Assessment of potential heat flux overload of target and first wall components in Wendelstein 7-X finite-beta magnetic configurations and choice of locations for temperature monitoring
Introduction
Within the framework of the European roadmap to the realization of fusion energy [1], the construction and operation of the Wendelstein 7-X (W7-X) stellarator machine represents one of the big milestones. The W7-X is a large stellarator with superconducting coils, operated at the Greifswald site of the Max-Planck-Institut für Plasmaphysik [2]. The first goal of the W7-X operation has been to show the feasibility of building a superconducting modular stellarator with the required precision which has been successfully shown [3,4,5]. A second primary objective is to demonstrate the accessibility of plasma parameters close to those of a future Fusion Power Plant (FPP) [6,7], which is ongoing work [8,9]. The last goal will be to prove the possibility of high-power steady-state operation.

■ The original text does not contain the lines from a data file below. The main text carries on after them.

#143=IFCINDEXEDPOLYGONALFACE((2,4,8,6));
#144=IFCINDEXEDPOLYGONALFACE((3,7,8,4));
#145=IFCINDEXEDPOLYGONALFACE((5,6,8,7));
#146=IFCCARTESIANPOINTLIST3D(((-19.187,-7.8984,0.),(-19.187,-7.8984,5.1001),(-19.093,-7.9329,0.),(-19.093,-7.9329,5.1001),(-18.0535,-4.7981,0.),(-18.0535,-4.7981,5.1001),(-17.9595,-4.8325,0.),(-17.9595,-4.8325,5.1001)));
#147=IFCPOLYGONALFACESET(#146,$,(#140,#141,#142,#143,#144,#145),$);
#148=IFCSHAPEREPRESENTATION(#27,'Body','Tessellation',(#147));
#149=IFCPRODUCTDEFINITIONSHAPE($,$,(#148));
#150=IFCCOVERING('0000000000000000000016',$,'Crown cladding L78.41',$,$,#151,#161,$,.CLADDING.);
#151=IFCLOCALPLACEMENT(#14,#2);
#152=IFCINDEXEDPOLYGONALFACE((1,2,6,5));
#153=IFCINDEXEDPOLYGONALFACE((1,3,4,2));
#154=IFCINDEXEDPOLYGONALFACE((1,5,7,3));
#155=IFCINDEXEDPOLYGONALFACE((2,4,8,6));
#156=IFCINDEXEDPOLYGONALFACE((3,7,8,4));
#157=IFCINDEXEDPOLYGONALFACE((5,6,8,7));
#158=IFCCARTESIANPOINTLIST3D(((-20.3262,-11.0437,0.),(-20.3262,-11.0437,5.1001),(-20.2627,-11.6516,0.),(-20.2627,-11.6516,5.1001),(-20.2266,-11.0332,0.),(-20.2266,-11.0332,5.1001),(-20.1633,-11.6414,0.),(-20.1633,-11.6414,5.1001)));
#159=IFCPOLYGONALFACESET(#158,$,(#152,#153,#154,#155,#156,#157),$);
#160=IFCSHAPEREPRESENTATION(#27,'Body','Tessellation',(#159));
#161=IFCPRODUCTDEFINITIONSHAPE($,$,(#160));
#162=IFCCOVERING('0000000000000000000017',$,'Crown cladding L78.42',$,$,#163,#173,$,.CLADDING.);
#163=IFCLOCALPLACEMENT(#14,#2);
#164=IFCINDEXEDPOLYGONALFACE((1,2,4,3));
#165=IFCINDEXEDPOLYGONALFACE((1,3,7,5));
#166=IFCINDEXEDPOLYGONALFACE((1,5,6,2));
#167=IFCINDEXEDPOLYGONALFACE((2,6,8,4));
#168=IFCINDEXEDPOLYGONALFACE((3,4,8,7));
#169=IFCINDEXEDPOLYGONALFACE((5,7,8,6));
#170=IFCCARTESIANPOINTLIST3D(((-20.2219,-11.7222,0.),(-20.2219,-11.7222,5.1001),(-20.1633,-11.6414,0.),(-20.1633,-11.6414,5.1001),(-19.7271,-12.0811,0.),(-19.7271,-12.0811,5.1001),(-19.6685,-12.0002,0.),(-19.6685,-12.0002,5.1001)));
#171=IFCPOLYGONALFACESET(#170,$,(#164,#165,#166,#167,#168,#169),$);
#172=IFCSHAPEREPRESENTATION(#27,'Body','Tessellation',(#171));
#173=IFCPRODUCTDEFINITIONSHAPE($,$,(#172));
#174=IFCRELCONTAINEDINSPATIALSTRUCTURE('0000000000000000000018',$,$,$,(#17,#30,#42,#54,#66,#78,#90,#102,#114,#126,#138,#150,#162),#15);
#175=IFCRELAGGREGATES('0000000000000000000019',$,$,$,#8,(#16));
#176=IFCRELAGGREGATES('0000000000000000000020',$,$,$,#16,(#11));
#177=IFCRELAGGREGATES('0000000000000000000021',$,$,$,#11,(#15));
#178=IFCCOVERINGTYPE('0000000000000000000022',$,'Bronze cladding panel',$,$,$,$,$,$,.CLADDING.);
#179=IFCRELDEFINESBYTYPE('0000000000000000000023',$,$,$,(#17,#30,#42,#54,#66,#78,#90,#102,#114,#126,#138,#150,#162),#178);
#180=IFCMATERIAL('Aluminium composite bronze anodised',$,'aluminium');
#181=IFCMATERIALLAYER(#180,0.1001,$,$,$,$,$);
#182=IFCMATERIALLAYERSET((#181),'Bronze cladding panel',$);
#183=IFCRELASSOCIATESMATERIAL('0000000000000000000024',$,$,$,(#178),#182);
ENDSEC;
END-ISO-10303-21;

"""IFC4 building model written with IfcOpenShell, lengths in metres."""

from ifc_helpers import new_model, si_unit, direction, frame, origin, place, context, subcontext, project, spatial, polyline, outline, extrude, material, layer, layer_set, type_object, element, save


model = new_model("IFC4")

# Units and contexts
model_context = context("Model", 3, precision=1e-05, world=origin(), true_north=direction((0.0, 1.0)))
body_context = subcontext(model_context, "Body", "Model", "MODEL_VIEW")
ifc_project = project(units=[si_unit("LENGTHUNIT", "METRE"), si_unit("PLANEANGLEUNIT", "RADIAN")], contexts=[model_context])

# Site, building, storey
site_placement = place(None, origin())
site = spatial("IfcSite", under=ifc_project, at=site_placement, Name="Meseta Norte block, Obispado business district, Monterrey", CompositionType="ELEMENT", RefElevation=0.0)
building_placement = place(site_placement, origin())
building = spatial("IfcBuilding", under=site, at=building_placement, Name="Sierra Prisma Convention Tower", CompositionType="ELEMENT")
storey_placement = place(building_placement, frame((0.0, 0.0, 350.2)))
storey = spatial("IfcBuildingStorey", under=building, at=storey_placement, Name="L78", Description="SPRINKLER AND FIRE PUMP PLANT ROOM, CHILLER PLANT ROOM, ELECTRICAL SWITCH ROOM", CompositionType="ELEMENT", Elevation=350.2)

W7-X can be operated in different magnetic configurations, controlled by the currents in the different types of field coil [10]. Those configurations envisaged for high-power operation are characterised by a chain of natural magnetic islands at the plasma boundary. In any toroidal cross section, the magnetic flux surfaces in the island region form an O point in the centre of each island and an X point between two adjacent islands [11]. In the 3D view the corresponding O and X points of each cross section are connected by field lines closing upon themselves after a low number of toroidal revolutions. The islands are intersected by the target plates (island divertor concept) [9,12,13]. Following the typical five-fold toroidal symmetry and the up-down flip symmetry (stellarator symmetry), the targets are arranged in ten identical divertor units (Fig. 1).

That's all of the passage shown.